Over 370,000 available family-preference visas went unused from 2004 to 2008, according to State Department figures.
Approximately four million people are currently stuck in the visa entry backlog.
Over 2.7 million of these are on a waiting list for visas from the family-preference category. Family-preference visas are used to allow immediate family members of legal permanent residents and older children and non-immediate family members of U.S. citizens to come into the country.
Under current immigration policy, the State Department is only allowed to issue up to 7 percent of total visas available every year to applicants from a single country. If the number of applicants from one country make up less than 7 percent, unused visas cannot be issued to other countries, no matter how long the waiting list.
The Reuniting Families Act, introduced in Congress by Sen. Robert Menendez, D-NJ, on May 22, seeks to raise the amount of visas allotted to each country and to recapture and make available thousands of unused family-sponsored visas from past years. The bill, if passed, would also give immediate family members of legal residents the same standing as immediate family members of citizens, allowing them to immediately qualify for a visa.
The changes that this bill would introduce have sparked elation and concern for those on each side of the immigration reform argument.
“The ability to bring in relatives is a privilege afforded to citizens who have done things the right way, waited and ultimately made a formal commitment to become members of our society,” said Bob Dane, spokesperson for the Federation of American Immigration Reform (FAIR), a group that opposes the bill. “Providing instantaneous privileges to Legal Permanent Residents reduces the value of citizenship.”
Others see the bill as a positive step toward reforming U.S. immigration policy.
“Uniting families and saving them from separation is a true American value,” said Imad Hamad, Senior National Advisor for the American-Arab Anti-Discrimination Committee. “The importance of this bill is how it lifts the fear of family separation,” he continued. “For the last few years, families who have been here for 15 or 20 years have been uprooted because the parents didn’t keep their legal status up.”
He said immigrant families who have developed roots in the U.S. can be too easily deported under current law, and that the proposed measures would give them more access to the system.
“The law does not force children to be deported, but when you deport parents, how can children survive?” he said. “This child is now 16, 17 or 18 and living in a world they are unfamiliar with.”
The bill proposes adding any family-sponsored visas that went unused from 1992 to 2007 back into the pool of current visas for utilization.
If every unused family-sponsored visa in that period was made available, over 400,000 unused visas would become available.

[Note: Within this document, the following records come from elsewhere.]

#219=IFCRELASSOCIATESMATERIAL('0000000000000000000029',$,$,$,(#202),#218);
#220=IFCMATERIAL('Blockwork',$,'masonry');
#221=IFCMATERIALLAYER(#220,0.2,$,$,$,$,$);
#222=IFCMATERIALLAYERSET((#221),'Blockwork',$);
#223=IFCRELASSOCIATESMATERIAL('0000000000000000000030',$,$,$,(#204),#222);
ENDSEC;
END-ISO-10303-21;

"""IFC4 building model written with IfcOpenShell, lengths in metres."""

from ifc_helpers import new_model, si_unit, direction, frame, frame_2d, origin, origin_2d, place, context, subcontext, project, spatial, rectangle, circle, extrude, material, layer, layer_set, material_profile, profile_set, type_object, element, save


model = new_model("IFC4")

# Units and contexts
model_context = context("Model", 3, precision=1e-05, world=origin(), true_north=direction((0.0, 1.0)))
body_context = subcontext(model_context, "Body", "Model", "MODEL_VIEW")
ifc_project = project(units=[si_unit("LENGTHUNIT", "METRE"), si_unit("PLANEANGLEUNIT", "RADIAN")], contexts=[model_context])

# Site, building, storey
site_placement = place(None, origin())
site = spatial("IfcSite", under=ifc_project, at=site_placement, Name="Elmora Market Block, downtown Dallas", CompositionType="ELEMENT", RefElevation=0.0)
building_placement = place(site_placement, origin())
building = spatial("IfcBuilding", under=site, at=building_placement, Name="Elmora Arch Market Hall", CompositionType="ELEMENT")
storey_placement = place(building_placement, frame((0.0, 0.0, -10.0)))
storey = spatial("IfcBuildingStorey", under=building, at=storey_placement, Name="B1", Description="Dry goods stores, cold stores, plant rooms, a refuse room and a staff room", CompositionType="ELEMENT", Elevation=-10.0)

The bill would also raise per-country family-sponsored immigration limits from 7 percent to 10 percent of total admissions.
FAIR and other organizations that seek to limit and reduce the number of immigrants entering the U.S. have called this bill an “intergenerational relocation program.”
“The elements of this bill increase the number of visas issued and the number of relatives coming in,” Dane said. “An increase in immigration overall is detrimental to our labor market, wages, natural resources and environment in the best of times. With a bad economy and high unemployment, what sense does it makes to continue to flood the country with more people competing for jobs?”
He said the type of immigrants coming in is another factor.
“Since the 1960s, immigration policies have the principle of family over skilled workers,” he said. “That has changed the type of immigrants who are coming in. They are not coming for what they contribute to society but only because a relative brought them in. The average immigrant is unskilled and heavily dependent on government.
“FAIR has been saying that we really need a reduction in the number of legal immigrants… with an emphasis on skills immigration and ability to assimilate,” he said. “Limit it to spouse and dependant children and parents. Why are we giving a second cousin visa priority over a skilled person?”
The bill does not give family status to cousins of U.S. citizens or permanent residents.
Some immigrants who come over are not skilled tradespeople, but advocates of the Reuniting Families Act have called this a generalization and said it should not affect the goal of this bill.
“They are labeling and pigeonholing immigrants based on one group,” said Ponsella Hardaway, Executive Director of the Metropolitan Organizing Strategy Enabling Strength (MOSES) in Detroit. “Immigrants themselves are a diverse group. There are doctors and lawyers coming into the country and helping our economy.”
Hamad said the bill represents a first move toward overhauling a broken system.
“This is a step in the right direction towards comprehensive immigration reform in the country,” Hamad said.
“This bill is not as comprehensive as it should be,” he said. “This bill is for a particular challenge and problem. It is for keeping families and their children in one piece. It addresses this main issue, and this should be the focus of discussion.”
“What are these visas there for? They are for people to use,” said Hardaway, about the number of unused visas that would be recaptured.